The exterior of Suzanne Goin's Lucques (img: Lucques)

Long before the locavore movement was in vogue, Suzanne Goin was a practicing farm-to-fork chef, sourcing her foods from the California’s finest growers. Named one of Food and Wine’s top chefs one decade ago, Goin took home the James Beard in 2006 for best Californian chef. Lucques, her chic, but homey Melrose restaurant, is the first of four in the Los Angeles area (her newest, Tavern, just celebrated its opening) and is located in a charming space that used to serve as  silent film star Harold Lloyd’s carriage house.   David and I took our lunch there on a sunny afternoon, and found the food to be just as lovely as the ivy-covered outdoor patio.

Every meal at Lucques begins with helping of butter-basted almonds, crusty bread, fleur de sel, butter and lucques, the restaurant’s vivid green namesake olive. It could be what we chose to order, but Goin’s love of the almond – used in almost ever dish that came to our table – led us to believe that, perhaps, they chose the wrong name!

While we were originally enticed by lunch prefix, the three courses offered that afternoon featured no protein whatsoever (Suzanne!). So we went a la carte, and were not dissapointed. Our starter was seasonal and fresh, and exactly what we had hoped for. Fresh Peaches with Dandelion Greens, Almonds, Ricotta Salata and Abbamele. The saltiness of the ricotta salata and the intense bite of the dandelion were wonderfully matched with perhaps the most perfect peach I’ve ever laid eyes on (And, yes, I’ve been to Georgia). The dish made all other produce I’ve consumed in my life look unworthy.

Our two entrees arrived and were both colorful sights to behold. David chose the Soft-Shell Crab Sandwich on Toasted Brioche with Avocado, Tomato and Bacon. The ingredients were top-notch, but the slippery combination of the avocado and the tomato made it a difficult stack to eat and by the end of our meal, it was a de-contructed pile of goodness. The mayo (?) that was served with it was too salty, but the asian cabbage coleslaw that accompanied the dish was quite good. I normally despise coleslaw, but this wasn’t a mayo-saturated, bland scoop of goo… it was lightly dressed, and a perfect side for summer.

Oregon Salmon with Almond Pesto, Corn Pudding, and Shaved Summer Squash (img: Sean Patrick Doyle)

Oregon Salmon with Almond Pesto, Corn Pudding, and Shaved Summer Squash (img: Sean Patrick Doyle)

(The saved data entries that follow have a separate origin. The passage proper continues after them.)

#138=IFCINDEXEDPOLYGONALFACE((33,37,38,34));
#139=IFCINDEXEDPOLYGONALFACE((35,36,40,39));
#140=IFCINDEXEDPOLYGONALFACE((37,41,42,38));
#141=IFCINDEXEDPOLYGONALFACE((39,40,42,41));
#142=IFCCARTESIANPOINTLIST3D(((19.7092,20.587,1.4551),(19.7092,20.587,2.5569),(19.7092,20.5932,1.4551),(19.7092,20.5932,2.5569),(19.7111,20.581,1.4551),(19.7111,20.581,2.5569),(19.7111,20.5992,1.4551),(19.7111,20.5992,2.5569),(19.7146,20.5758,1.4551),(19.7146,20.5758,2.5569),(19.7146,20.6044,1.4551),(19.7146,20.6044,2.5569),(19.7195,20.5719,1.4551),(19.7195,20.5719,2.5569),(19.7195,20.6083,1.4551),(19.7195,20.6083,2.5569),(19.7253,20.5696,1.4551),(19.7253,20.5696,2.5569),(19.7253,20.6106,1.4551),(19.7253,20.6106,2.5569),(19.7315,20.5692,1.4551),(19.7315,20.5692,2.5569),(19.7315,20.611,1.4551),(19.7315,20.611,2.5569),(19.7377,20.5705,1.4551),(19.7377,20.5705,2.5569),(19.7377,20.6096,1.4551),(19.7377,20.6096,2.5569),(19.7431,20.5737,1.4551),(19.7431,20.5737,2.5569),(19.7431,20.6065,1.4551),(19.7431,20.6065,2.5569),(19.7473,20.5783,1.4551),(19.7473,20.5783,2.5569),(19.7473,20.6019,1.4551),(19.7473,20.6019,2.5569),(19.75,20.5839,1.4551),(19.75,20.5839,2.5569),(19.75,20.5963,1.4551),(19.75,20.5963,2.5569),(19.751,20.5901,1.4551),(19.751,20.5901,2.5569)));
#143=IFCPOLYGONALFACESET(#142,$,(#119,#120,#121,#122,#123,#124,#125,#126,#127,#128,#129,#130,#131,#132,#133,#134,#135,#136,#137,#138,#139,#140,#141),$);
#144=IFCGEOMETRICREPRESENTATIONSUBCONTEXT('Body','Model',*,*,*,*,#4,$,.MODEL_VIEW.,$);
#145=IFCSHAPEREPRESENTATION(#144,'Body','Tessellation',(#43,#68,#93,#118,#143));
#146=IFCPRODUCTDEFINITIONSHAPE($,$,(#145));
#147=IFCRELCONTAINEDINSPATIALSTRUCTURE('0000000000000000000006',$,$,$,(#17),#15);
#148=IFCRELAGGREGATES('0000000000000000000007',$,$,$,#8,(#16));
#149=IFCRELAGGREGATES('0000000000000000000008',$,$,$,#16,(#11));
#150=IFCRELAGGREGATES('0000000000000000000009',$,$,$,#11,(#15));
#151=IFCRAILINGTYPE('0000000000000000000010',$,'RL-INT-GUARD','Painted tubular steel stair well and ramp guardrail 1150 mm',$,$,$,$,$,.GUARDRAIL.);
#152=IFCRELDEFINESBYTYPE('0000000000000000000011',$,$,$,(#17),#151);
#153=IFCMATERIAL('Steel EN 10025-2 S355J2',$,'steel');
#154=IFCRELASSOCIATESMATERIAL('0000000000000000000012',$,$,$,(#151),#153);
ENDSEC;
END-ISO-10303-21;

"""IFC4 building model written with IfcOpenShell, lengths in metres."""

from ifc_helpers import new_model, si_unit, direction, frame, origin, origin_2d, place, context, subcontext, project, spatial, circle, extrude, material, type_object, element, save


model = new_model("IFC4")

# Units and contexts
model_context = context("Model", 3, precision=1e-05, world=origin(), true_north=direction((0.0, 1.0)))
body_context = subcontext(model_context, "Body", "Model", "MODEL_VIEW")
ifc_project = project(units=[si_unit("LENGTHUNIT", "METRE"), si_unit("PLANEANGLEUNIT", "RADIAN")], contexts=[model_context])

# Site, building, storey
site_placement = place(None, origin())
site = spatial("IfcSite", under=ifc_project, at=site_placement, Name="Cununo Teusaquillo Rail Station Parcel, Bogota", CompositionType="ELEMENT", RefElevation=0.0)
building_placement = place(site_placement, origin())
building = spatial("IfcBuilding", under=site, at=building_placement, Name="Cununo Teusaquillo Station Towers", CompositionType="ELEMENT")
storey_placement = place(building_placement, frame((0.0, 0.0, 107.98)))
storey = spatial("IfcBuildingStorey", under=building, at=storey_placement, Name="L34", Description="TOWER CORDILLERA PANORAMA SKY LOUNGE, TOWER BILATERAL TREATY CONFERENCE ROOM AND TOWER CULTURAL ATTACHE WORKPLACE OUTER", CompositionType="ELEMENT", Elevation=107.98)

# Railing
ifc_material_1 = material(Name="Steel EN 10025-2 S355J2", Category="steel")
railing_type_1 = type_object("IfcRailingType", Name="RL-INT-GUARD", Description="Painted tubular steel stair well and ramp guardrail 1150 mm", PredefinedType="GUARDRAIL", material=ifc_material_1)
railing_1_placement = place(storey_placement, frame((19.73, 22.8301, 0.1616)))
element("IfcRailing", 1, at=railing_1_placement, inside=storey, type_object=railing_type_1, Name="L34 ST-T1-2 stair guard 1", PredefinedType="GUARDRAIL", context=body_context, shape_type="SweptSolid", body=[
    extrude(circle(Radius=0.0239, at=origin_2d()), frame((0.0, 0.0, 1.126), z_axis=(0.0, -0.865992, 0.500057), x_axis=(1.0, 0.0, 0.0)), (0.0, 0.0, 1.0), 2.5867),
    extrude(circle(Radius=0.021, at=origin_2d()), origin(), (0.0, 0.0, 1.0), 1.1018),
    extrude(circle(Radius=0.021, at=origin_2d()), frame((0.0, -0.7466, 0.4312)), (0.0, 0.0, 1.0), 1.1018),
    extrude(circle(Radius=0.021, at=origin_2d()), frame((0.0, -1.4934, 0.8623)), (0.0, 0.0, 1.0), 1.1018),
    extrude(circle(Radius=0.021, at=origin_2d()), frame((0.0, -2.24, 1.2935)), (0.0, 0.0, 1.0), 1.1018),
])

I chose the Grilled Market Fish (that day, Wild-Caught Oregon Salmon) with Corn Pudding, Shaved Summer Squash and Almond Pesto (yes, almonds). I could rework the lyrics of “My Favorite Things” to include the ingredients on my plate. As I devoured the dish, I kept thinking that this is a perfect example of how I wish to eat daily. Lord knows what the chef did to the paper-thin squash, but they were divine; and the textural contrast of the corn pudding’s crispy edges with it’s souffle-like interior was very nice. David thought that the presence of the fish itself was eclipsed by the other elements on the plate, and I’ll agree that the chef was a overly generous with the almond pesto. I would, however, order it again in an instant.

Lucques is worth a visit if you are looking for simple fare, prepared with the finest ingredients. The setting is charming, and the food itself is guilt-free and healthful.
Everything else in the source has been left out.